I had hoped to either modernize ZipFiles.jl or to write a CodecZlib-like package for zip archives but haven’t been able to make the time to do so. As I result I have dropped support for zip archives and am recommending that our users use gzip compression instead.

johann.spies · May 7, 2018, 8:01am

Thanks @jandehaan and @js135005.

My lack of experience in both Julia and using this type of streaming becomes clear.

julia> using CodecZlib

julia> text = open("2004_CORE.zip")
IOStream(<file 2004_CORE.zip>)

From previous experiene (see previous post in this thread) I know there are more than one .gz-file and more than one plain text .csv-file in this zipfile.
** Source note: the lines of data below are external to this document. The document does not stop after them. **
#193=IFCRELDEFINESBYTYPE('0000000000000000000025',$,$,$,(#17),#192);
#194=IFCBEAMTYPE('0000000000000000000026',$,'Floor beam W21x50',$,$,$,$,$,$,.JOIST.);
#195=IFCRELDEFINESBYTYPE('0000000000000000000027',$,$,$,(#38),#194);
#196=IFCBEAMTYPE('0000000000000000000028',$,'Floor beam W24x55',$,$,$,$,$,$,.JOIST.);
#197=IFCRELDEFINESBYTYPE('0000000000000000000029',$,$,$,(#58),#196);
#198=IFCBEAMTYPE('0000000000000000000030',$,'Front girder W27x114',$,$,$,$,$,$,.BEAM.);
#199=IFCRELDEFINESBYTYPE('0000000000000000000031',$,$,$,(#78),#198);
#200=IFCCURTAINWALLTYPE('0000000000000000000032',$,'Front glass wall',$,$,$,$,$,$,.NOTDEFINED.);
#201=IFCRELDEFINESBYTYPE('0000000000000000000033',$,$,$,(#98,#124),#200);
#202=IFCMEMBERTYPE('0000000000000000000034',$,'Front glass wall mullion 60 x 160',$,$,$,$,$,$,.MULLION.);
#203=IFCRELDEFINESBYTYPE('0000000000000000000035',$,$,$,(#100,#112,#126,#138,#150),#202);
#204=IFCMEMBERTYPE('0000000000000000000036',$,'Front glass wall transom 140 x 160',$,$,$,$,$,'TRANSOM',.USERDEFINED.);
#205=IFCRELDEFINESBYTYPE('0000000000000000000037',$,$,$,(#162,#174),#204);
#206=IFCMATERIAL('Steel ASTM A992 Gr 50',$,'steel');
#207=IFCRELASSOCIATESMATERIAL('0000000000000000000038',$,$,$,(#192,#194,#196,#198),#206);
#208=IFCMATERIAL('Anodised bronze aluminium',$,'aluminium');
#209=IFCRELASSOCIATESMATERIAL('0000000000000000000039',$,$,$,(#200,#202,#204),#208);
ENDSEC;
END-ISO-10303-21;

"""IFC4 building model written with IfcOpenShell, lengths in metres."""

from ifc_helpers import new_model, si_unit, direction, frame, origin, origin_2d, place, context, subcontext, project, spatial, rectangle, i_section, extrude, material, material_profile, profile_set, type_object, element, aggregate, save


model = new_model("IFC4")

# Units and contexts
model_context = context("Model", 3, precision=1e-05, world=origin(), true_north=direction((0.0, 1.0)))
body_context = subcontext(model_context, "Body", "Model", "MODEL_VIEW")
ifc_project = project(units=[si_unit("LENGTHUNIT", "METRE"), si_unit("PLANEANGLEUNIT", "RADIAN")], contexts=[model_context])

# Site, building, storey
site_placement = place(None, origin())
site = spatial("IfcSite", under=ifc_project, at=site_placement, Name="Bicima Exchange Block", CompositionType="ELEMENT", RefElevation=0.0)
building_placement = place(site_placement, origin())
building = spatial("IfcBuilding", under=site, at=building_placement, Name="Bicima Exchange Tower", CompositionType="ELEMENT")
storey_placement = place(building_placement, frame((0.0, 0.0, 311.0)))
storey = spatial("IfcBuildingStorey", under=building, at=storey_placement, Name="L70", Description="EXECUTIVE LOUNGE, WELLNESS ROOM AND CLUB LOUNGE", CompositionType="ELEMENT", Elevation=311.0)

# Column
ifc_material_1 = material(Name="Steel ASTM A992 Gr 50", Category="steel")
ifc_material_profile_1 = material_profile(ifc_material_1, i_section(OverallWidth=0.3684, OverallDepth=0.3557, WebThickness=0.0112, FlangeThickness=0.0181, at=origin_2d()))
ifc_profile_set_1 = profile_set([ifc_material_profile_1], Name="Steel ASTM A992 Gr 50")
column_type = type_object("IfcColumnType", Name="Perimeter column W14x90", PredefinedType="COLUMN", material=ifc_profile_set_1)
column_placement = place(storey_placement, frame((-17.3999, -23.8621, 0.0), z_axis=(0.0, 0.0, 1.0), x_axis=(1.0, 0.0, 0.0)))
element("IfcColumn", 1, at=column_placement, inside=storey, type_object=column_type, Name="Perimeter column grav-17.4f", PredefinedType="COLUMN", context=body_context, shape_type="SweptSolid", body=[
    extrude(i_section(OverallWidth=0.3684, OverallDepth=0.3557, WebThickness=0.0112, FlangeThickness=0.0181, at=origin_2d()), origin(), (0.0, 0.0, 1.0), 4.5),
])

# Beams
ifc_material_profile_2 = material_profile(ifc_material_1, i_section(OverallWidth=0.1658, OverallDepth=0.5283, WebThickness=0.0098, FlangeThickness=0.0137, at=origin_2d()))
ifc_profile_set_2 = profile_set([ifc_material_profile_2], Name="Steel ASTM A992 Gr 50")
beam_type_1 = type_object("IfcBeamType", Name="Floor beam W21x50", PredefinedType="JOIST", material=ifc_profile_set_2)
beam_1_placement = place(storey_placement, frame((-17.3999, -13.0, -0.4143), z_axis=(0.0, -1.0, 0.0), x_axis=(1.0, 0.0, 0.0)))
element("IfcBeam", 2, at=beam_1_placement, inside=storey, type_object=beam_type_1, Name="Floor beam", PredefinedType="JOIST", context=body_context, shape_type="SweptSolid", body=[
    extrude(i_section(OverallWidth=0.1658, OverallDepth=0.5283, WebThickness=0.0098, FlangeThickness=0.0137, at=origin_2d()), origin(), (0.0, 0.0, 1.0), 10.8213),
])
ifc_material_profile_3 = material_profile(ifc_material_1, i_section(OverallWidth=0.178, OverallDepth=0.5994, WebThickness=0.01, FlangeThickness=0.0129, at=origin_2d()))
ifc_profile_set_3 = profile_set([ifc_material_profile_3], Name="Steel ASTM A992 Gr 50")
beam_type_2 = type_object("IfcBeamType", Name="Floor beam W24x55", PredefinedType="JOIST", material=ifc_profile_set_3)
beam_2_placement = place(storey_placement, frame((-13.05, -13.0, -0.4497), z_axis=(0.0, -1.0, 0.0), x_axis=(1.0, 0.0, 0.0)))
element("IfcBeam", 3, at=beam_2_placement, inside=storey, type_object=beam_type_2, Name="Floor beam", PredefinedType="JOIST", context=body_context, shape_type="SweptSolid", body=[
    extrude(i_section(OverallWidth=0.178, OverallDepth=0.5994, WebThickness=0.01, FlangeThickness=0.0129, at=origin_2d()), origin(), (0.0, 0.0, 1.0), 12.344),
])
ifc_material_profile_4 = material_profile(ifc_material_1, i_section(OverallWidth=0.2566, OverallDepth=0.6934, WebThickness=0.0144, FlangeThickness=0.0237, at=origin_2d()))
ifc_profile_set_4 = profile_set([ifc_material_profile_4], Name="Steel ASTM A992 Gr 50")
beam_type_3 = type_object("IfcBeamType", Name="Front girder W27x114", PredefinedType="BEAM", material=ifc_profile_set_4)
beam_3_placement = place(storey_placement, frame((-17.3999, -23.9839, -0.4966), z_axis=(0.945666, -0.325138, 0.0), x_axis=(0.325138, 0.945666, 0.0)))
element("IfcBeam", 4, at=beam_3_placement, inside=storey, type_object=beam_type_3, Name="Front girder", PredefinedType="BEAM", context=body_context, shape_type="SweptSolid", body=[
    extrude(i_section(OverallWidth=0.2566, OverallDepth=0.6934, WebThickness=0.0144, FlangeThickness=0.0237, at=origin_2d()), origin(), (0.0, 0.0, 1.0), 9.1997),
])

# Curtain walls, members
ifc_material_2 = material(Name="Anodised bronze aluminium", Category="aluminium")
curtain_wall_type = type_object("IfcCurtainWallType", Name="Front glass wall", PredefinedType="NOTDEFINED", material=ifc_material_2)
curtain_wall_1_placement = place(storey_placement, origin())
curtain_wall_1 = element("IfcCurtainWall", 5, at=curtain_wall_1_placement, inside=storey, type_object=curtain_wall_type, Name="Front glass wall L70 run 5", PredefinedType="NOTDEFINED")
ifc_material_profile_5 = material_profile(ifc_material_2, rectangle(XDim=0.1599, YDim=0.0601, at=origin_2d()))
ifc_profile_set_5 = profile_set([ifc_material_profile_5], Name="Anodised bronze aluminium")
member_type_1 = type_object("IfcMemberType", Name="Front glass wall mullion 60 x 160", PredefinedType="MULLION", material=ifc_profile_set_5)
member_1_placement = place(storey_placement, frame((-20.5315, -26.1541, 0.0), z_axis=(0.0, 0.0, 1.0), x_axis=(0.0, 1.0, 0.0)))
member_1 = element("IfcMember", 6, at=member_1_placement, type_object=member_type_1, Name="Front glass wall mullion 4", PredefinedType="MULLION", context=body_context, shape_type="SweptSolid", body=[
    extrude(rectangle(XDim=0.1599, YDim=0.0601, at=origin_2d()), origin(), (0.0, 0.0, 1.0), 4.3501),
Using streaming, how do I find out which files are present, what their names and types are? And then how do I read them seperately or just one of them?

js135005 · May 8, 2018, 3:28pm

This is the issue that I’ve hit as well. A zip archive has a directory listing all the included files and the offsets to get to them. The ZipFiles package handles this and allows you to read/write the component files but is abysmally slow so I’ve abandoned using it because I’m handling way too much data.

It desperately needs an update or to be replaced entirely.

nhz2 · September 2, 2024, 3:46pm

I created GitHub - JuliaIO/ZipArchives.jl: Read and write Zip archive files in Julia. which uses CodecZlib.jl internally for decompression and compression. It can efficiently handle reading and writing large amounts of data.